Tino Schirinzi. Un mestiere costruito sull’acqua. Biografia, interpretazioni, testimonianze


Taranto, Edit@ Casa Editrice & Libraria, 2017, 200 pp., euro 18,00
ISBN 978-8899545567

Pubblichiamo di seguito la “Presentazione” al volume di Francesca Simoncini e la “Testimonianza” di Claudio Magris.



Studiare gli attori è difficile. Arduo ricostruire la qualità e l’eredità artistica della loro attività, riappropriarsi di un loro esclusivo “punto di vista”, evidenziare la qualità e lo stile del loro linguaggio scenico. Anche quando fortemente connotato quest’ultimo infatti si inserisce, e quindi anche un poco si disperde, in contesti produttivi e operativi di natura collettiva e commerciale che ne travalicano, spesso ne nascondono, l’originale sostanza. Arte plurale per eccellenza quella del teatro implica l’esercizio di una condivisione di mestieri, di conoscenze, di creatività che si sommano, si confondono, prevaricano l’una sull’altra, occultano la genesi e la paternità individuale della creazione artistica. Tra tutte le arti che concorrono alla realizzazione di uno spettacolo quella dell’attore è stata considerata nel tempo la più debole, la più condizionabile, la meno decifrabile, la più effimera e, anche per questo, ha finito con l’essere la meno celebrata e la meno studiata dalla cosiddetta cultura ufficiale e accademica. Schiacciata dalla volontà di affermazione, talvolta arrogante e prepotente, di autorialità altre – quella dei drammaturghi prima, dei registi poi – è apparsa l’anello più fragile e transitorio delle realtà spettacolari che hanno attraversato i secoli. Di queste, invece, ha sempre determinato, non solo la vitalità e la sostanza ma, ancora di più, la semplice esistenza.

 

Elemento fondante di ogni spettacolo dal “vivo” l’attore è in effetti il vero depositario di un “sapere” e di “un “mestiere” che, nei tempi lunghi della storia, ha saputo rigenerarsi pur conservando forti legami col passato e continuando a trasmettere e ad alimentare tradizioni e culture. L’attore però, calato il sipario, spesso non lascia traccia di sé, delle sue visioni, delle sue performances e, anche quando queste ultime sono documentate più di altre riluttano ad essere fissate su carta. Diventa allora difficile ricomporle o, anche più semplicemente e umilmente, descriverle. Lo studioso che si pone questo compito è dunque costretto a procedere attraverso pericolose e scivolose approssimazioni. «Un mestiere costruito sull’acqua» recita, non a caso, il titolo di questo libro che è stato opportunamente scelto dall’autrice scavando tre le dichiarazioni dell’attore Tino Schirinzi.
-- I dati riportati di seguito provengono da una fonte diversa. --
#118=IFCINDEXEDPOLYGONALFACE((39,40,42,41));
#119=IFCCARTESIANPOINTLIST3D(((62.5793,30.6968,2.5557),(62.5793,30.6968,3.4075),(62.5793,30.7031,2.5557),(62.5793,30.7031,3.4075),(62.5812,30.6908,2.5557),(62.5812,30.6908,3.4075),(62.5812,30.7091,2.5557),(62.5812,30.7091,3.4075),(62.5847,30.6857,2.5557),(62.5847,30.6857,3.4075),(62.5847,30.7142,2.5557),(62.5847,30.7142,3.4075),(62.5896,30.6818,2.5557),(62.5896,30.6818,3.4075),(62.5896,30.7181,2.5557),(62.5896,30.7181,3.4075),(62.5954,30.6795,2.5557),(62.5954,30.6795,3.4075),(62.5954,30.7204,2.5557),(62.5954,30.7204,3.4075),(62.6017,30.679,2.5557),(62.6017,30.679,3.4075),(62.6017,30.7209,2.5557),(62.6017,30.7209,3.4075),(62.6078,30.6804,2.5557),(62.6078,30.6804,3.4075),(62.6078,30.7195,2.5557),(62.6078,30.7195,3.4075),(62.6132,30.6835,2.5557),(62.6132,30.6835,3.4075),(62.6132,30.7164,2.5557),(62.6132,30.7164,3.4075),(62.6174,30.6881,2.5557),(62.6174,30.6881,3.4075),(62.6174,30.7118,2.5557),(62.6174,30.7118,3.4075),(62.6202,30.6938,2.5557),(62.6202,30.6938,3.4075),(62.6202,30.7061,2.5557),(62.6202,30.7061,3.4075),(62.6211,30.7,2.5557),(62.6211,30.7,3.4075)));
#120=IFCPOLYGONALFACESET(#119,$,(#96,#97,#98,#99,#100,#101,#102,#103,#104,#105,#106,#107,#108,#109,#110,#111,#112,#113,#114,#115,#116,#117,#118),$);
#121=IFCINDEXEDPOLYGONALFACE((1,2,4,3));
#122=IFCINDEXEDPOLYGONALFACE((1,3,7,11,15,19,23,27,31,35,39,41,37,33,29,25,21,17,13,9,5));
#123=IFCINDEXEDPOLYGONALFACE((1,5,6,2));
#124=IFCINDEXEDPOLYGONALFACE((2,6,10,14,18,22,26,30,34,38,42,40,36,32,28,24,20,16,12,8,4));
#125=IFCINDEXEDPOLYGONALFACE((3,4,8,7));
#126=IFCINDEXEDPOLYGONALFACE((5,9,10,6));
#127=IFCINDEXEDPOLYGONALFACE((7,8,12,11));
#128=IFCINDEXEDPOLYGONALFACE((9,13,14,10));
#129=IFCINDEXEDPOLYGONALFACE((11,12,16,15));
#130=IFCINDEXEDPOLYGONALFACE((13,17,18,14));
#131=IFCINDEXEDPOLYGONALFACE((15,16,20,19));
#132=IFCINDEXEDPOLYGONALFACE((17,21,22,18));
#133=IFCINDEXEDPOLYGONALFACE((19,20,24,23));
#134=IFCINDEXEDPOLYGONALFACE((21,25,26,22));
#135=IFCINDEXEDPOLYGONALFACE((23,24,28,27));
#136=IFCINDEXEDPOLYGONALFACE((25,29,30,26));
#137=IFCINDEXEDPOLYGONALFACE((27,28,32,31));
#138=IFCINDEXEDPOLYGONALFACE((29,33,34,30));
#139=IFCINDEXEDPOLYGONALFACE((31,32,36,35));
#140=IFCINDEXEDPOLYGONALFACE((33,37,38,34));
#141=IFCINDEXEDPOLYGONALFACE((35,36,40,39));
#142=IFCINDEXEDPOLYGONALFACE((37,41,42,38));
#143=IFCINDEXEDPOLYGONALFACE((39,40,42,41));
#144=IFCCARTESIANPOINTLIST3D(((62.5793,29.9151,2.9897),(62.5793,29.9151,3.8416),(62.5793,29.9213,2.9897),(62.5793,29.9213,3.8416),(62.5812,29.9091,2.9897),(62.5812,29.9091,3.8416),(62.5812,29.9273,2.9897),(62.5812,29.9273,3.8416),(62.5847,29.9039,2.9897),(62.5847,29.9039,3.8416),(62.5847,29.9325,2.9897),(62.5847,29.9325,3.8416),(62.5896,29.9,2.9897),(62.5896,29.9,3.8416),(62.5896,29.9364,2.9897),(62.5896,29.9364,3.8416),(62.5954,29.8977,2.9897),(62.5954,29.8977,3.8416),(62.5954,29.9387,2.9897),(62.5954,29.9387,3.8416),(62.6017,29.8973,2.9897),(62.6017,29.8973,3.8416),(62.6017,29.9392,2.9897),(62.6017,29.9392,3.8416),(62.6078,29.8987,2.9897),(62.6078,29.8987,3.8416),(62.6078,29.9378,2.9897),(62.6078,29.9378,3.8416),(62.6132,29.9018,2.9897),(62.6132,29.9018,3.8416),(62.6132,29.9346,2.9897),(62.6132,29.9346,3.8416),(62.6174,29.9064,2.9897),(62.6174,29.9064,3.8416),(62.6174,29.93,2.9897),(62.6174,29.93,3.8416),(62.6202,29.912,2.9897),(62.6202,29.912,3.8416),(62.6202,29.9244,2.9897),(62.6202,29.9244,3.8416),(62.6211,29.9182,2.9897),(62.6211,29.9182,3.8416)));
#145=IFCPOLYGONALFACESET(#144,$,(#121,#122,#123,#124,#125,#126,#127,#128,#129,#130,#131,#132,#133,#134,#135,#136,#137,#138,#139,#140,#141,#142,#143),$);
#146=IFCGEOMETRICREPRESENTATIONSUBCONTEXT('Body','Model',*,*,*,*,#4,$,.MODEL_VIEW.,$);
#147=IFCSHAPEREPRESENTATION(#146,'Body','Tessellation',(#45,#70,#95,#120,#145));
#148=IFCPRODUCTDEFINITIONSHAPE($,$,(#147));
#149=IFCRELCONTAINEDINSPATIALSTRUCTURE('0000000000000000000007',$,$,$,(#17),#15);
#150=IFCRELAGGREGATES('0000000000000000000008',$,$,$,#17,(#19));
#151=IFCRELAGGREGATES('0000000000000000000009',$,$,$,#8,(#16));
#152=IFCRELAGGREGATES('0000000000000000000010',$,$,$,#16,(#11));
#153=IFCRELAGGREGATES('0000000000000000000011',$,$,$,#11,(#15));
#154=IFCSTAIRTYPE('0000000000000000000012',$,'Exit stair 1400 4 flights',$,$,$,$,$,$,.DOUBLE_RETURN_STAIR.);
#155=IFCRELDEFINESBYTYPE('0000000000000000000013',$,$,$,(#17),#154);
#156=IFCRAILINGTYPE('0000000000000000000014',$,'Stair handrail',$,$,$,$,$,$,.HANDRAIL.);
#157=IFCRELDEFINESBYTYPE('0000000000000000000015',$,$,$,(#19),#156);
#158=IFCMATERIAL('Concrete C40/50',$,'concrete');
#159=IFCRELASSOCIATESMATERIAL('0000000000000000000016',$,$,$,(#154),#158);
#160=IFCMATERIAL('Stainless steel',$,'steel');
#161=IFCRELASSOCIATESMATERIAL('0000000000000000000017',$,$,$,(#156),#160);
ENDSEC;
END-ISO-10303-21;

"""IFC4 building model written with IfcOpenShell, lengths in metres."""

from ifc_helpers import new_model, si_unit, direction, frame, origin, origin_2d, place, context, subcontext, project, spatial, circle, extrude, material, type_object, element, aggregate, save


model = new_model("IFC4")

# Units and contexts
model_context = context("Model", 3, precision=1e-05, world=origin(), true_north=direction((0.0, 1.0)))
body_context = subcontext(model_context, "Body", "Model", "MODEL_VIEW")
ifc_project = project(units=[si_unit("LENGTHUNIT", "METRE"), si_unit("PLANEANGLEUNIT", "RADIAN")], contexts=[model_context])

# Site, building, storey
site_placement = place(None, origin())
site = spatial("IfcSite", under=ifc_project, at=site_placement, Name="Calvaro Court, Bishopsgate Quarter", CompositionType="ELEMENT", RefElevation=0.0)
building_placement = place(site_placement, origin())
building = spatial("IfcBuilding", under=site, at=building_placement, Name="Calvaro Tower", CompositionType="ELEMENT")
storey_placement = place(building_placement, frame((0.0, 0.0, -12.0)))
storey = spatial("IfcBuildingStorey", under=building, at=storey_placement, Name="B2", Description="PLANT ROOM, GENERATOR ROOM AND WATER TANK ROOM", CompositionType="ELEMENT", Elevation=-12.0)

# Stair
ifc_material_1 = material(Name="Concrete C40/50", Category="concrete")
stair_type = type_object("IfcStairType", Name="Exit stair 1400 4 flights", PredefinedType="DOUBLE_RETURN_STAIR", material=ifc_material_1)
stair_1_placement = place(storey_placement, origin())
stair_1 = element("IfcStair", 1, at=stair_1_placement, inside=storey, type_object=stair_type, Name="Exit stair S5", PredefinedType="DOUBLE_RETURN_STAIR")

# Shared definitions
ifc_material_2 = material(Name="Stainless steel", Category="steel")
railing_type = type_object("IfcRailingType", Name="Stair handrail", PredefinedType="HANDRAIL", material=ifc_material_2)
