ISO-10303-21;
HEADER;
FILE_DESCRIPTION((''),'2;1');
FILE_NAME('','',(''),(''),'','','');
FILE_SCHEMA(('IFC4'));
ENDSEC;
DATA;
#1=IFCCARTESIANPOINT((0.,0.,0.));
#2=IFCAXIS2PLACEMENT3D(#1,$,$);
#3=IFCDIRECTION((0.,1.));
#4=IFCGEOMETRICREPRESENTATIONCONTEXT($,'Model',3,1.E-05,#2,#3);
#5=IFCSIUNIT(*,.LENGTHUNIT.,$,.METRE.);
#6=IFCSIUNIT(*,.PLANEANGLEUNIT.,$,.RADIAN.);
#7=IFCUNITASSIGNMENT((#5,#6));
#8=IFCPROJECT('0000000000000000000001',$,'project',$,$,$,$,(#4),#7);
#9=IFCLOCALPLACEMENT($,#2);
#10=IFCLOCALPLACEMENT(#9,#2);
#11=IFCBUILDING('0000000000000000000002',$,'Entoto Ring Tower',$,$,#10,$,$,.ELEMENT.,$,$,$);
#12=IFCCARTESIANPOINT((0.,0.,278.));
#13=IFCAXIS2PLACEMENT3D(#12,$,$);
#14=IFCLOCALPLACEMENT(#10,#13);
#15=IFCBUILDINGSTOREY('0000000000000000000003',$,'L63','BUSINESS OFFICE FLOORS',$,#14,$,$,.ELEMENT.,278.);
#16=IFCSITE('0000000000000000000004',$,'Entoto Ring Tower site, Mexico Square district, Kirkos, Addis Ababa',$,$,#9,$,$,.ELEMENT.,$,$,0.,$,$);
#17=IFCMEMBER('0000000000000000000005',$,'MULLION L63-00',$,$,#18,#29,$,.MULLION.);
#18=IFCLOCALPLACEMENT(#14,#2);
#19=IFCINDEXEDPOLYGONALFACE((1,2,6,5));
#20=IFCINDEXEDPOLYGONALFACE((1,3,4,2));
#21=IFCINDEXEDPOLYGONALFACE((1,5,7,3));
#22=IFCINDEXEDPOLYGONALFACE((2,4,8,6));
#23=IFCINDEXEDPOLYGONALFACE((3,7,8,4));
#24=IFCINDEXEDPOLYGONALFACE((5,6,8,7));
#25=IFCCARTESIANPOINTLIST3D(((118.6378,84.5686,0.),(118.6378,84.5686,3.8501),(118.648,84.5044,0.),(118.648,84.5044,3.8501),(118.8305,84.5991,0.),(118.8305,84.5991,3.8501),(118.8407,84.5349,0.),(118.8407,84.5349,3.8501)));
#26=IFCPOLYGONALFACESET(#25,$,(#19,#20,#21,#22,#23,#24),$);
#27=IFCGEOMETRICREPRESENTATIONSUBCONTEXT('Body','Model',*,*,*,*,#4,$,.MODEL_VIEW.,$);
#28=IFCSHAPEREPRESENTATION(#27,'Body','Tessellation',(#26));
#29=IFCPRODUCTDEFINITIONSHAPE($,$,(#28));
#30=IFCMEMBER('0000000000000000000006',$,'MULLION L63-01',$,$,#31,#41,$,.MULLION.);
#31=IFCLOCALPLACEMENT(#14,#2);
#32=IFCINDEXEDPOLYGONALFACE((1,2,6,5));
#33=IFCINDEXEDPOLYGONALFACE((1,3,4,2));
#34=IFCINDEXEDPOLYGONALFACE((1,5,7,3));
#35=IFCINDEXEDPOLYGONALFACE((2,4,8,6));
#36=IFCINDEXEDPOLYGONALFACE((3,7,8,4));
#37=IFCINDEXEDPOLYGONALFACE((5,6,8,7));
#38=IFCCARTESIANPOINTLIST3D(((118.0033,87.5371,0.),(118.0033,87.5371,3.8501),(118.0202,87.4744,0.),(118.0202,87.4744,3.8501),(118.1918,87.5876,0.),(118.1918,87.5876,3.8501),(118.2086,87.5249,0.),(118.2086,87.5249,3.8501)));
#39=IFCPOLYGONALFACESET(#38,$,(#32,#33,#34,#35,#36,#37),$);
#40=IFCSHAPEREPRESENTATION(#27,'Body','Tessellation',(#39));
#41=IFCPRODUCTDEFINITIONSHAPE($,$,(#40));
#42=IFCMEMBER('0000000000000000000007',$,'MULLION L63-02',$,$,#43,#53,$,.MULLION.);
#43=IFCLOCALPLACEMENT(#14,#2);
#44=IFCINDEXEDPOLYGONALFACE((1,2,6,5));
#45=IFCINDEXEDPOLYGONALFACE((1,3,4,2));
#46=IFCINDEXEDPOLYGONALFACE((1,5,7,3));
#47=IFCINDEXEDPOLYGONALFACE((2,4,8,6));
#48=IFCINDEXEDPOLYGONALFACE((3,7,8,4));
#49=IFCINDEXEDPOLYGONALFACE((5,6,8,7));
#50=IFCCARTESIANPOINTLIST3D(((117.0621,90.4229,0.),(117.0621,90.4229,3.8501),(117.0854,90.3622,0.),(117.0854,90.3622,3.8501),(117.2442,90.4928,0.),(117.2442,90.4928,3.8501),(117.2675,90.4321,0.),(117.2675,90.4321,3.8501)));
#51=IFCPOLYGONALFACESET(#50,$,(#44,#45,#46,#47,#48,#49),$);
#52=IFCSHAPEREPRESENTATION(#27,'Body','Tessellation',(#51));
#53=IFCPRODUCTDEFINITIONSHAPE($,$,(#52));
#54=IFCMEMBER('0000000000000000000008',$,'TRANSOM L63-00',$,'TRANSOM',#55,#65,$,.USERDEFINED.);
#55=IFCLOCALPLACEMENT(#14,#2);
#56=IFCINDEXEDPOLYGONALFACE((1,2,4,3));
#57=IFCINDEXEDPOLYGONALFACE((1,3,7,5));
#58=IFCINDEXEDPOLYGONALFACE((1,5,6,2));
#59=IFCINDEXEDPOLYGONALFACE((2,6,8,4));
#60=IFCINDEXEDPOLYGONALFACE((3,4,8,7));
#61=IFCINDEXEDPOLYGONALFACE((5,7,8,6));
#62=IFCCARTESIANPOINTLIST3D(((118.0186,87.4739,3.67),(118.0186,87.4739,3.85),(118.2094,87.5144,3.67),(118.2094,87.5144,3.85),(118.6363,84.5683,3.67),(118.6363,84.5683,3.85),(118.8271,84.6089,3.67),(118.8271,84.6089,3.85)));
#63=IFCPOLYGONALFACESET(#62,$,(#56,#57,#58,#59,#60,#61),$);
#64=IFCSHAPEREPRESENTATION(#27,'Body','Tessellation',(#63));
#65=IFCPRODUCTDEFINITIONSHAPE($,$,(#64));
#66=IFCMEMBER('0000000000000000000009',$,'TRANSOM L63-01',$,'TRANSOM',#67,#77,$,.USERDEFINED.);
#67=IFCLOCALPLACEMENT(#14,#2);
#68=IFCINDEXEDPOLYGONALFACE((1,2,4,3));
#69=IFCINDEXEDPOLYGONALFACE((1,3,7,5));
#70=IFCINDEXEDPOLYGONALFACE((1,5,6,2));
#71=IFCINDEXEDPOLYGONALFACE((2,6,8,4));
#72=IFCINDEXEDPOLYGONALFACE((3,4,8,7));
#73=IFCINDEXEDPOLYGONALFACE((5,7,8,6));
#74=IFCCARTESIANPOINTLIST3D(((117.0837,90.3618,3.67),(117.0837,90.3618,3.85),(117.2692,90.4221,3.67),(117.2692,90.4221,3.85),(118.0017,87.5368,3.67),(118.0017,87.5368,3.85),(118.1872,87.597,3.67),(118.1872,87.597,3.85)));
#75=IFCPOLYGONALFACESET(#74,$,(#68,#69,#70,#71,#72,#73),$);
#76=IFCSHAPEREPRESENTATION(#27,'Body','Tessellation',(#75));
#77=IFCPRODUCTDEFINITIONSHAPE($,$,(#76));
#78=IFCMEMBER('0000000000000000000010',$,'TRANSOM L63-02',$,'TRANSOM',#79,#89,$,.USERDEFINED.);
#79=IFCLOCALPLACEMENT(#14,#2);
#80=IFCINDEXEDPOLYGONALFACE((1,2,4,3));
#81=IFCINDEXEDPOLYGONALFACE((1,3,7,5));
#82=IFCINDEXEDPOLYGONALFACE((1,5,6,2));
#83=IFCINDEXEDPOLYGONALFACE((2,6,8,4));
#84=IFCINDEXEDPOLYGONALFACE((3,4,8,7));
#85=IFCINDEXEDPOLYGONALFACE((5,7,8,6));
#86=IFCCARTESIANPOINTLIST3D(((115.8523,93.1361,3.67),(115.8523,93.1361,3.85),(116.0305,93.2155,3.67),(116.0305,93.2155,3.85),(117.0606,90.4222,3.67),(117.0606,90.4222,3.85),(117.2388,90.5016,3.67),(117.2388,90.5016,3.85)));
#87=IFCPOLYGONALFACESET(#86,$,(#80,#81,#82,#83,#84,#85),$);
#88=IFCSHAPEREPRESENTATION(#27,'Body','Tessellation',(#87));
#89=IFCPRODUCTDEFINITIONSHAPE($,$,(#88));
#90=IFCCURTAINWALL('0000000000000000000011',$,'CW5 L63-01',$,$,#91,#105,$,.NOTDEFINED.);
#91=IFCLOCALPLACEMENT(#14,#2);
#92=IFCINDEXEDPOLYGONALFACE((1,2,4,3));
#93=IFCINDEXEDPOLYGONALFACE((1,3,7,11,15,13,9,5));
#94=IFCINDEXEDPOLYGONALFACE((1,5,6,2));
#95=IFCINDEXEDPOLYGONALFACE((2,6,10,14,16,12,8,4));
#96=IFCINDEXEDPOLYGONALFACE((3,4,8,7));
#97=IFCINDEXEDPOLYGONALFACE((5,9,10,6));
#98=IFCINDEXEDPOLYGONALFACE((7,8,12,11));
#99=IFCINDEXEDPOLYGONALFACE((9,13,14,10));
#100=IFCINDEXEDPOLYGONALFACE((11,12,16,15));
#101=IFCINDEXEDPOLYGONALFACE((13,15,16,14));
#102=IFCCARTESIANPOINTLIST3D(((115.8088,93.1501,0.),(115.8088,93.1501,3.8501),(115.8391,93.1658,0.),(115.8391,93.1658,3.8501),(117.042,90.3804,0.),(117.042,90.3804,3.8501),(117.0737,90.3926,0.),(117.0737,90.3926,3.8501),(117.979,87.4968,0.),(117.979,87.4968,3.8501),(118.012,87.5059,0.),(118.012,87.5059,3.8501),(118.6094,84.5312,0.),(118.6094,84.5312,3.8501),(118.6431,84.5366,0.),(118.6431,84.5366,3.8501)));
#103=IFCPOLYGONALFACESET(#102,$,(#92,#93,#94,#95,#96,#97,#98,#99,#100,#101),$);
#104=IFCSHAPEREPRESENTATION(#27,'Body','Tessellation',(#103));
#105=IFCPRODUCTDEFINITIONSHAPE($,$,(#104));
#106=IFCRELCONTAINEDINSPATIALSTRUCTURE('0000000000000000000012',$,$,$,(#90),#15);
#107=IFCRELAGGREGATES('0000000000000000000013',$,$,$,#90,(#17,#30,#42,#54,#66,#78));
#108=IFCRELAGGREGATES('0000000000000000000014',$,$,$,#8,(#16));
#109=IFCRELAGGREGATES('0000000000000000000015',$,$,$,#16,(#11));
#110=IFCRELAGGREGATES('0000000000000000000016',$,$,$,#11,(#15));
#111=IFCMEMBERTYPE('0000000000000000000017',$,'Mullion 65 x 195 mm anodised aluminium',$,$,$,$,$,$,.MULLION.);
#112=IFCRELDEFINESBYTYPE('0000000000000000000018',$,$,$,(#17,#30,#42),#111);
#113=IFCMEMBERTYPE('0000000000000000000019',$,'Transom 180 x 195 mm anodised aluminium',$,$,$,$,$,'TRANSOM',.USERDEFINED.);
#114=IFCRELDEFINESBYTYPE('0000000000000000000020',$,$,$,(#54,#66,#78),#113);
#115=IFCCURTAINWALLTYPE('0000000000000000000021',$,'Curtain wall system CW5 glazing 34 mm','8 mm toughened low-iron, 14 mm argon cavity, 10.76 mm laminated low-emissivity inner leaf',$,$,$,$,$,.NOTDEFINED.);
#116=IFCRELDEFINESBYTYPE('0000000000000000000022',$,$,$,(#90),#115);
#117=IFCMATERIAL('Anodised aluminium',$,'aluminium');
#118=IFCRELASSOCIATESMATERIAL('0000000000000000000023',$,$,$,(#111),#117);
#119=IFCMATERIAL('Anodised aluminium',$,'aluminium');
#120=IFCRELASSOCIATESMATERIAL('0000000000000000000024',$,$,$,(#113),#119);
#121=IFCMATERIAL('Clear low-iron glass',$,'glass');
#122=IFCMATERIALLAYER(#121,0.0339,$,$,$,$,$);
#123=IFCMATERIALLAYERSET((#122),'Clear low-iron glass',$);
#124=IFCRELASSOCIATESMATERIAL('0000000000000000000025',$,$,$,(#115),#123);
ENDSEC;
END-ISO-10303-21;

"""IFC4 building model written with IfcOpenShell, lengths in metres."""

from ifc_helpers import new_model, si_unit, direction, frame, origin, origin_2d, place, context, subcontext, project, spatial, polyline, rectangle, outline, extrude, material, layer, layer_set, material_profile, profile_set, type_object, element, aggregate, save


model = new_model("IFC4")

# Units and contexts
model_context = context("Model", 3, precision=1e-05, world=origin(), true_north=direction((0.0, 1.0)))
body_context = subcontext(model_context, "Body", "Model", "MODEL_VIEW")
ifc_project = project(units=[si_unit("LENGTHUNIT", "METRE"), si_unit("PLANEANGLEUNIT", "RADIAN")], contexts=[model_context])

# Members
ifc_material_1 = material(Name="Anodised aluminium", Category="aluminium")
ifc_material_profile_1 = material_profile(ifc_material_1, rectangle(XDim=0.0649, YDim=0.1951, at=origin_2d()), Name="Mullion 65 x 195 mm anodised aluminium")
ifc_profile_set_1 = profile_set([ifc_material_profile_1], Name="Anodised aluminium")
member_type_1 = type_object("IfcMemberType", Name="Mullion 65 x 195 mm anodised aluminium", PredefinedType="MULLION", material=ifc_profile_set_1)
site_placement = place(None, origin())
building_placement = place(site_placement, origin())
storey_placement = place(building_placement, frame((0.0, 0.0, 278.0)))
member_1_placement = place(storey_placement, frame((118.7393, 84.5518, 0.0), z_axis=(0.0, 0.0, 1.0), x_axis=(-0.156434, 0.987688, 0.0)))
member_1 = element("IfcMember", 1, at=member_1_placement, type_object=member_type_1, Name="MULLION L63-00", PredefinedType="MULLION", context=body_context, shape_type="SweptSolid", body=[
    extrude(rectangle(XDim=0.0649, YDim=0.1951, at=origin_2d()), origin(), (0.0, 0.0, 1.0), 3.8501),
])
member_2_placement = place(storey_placement, frame((118.106, 87.531, 0.0), z_axis=(0.0, 0.0, 1.0), x_axis=(-0.258819, 0.965926, 0.0)))
member_2 = element("IfcMember", 2, at=member_2_placement, type_object=member_type_1, Name="MULLION L63-01", PredefinedType="MULLION", context=body_context, shape_type="SweptSolid", body=[
    extrude(rectangle(XDim=0.0649, YDim=0.1951, at=origin_2d()), origin(), (0.0, 0.0, 1.0), 3.8501),
])
member_3_placement = place(storey_placement, frame((117.1648, 90.4275, 0.0), z_axis=(0.0, 0.0, 1.0), x_axis=(-0.358368, 0.93358, 0.0)))
member_3 = element("IfcMember", 3, at=member_3_placement, type_object=member_type_1, Name="MULLION L63-02", PredefinedType="MULLION", context=body_context, shape_type="SweptSolid", body=[
    extrude(rectangle(XDim=0.0649, YDim=0.1951, at=origin_2d()), origin(), (0.0, 0.0, 1.0), 3.8501),
])
ifc_material_2 = material(Name="Anodised aluminium", Category="aluminium")
ifc_material_profile_2 = material_profile(ifc_material_2, rectangle(XDim=0.1951, YDim=0.1799, at=origin_2d()), Name="Transom 180 x 195 mm anodised aluminium")
ifc_profile_set_2 = profile_set([ifc_material_profile_2], Name="Anodised aluminium")
member_type_2 = type_object("IfcMemberType", Name="Transom 180 x 195 mm anodised aluminium", ElementType="TRANSOM", PredefinedType="USERDEFINED", material=ifc_profile_set_2)
member_4_placement = place(storey_placement, frame((118.7317, 84.5886, 3.76), z_axis=(-0.20794, 0.978142, 0.0), x_axis=(-0.978142, -0.20794, 0.0)))
member_4 = element("IfcMember", 4, at=member_4_placement, type_object=member_type_2, Name="TRANSOM L63-00", ObjectType="TRANSOM", PredefinedType="USERDEFINED", context=body_context, shape_type="SweptSolid", body=[
    extrude(rectangle(XDim=0.1951, YDim=0.1799, at=origin_2d()), origin(), (0.0, 0.0, 1.0), 2.9705),
])
member_5_placement = place(storey_placement, frame((118.0945, 87.5669, 3.76), z_axis=(-0.309043, 0.951048, 0.0), x_axis=(-0.951048, -0.309043, 0.0)))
Rosmersholm, Teatro Regionale Toscano-Centro Teatrale Bresciano, 1979-80, regia di Massimo Castri
© Tito Alabiso (Archivio CTB Centro Teatrale Bresciano)

 

Consapevoli, l’uno dell’essenza vischiosa di un’arte fluida, inafferrabile, priva di confini, trasparente, l’altra della conseguente difficoltà di raccontarla. Eppure questo racconto alla fine è nato ed è ora pubblicato. Affonda le sue radici e la sua composizione nella stesura di una tesi di laurea di primo livello affrontata con particolare passione, intelligenza e serietà dalla candidata. Doti essenziali e del tutto personali alle quali l’Università di Firenze e il Corso di Laurea in Progettazione e Gestione di Eventi e Imprese dell’Arte e dello Spettacolo hanno saputo fornire un rodato metodo di lavoro. Da molti anni è infatti attivo a Firenze un laboratorio sullo studio degli attori che ha dato vita a un database relazionale, l’Archivio Multimediale degli Attori Italiani (AMAtI), consultabile on-line (http://amati.fupress.net). Il progetto è nato dalla volontà di ricostruire, con metodo scientifico e moderni mezzi di comunicazione, la storia degli attori italiani dal Cinquecento fino ai nostri giorni e di dare corretta collocazione a biografie di artisti del teatro che, vissuti nel contesto sociale, artistico, organizzativo del proprio tempo, hanno contribuito alla creazione e all’evoluzione della pratica scenica italiana considerata nella sua dimensione operativa e storica. Uno dei presupposti imprescindibili per l’attendibilità e la ricostruzione di queste biografie è il ricorso ai documenti, siano essi di natura cartacea (testimonianze, copioni, memorie, contratti, lettere, ecc.), iconografica o audiovisiva.

 

Di questo insegnamento fa tesoro il libro di Alla Munchenbach che attenua il rischio insito nella labilità dello studio dell’arte dell’attore bilanciandola con argomentazioni fondate sul reperimento e sulla consultazione di una ricca selezione critica di fonti primarie, oggi depositate in vari e prestigiosi istituti di conservazione. A queste l’autrice aggiunge un buon numero di preziose testimonianze da lei stessa, con oculatezza e pazienza, selezionate e prodotte. Quanto basta per ricostruire un profilo che non scade mai nella semplice aneddotica e che si sforza di essere il più possibile puntuale e fedele. Il resto del contenuto e della godibilità del libro lo fanno la sincera passione dell’autrice e l’indubbia qualità artistica ed esistenziale dell’attore di cui viene proposto il ritratto.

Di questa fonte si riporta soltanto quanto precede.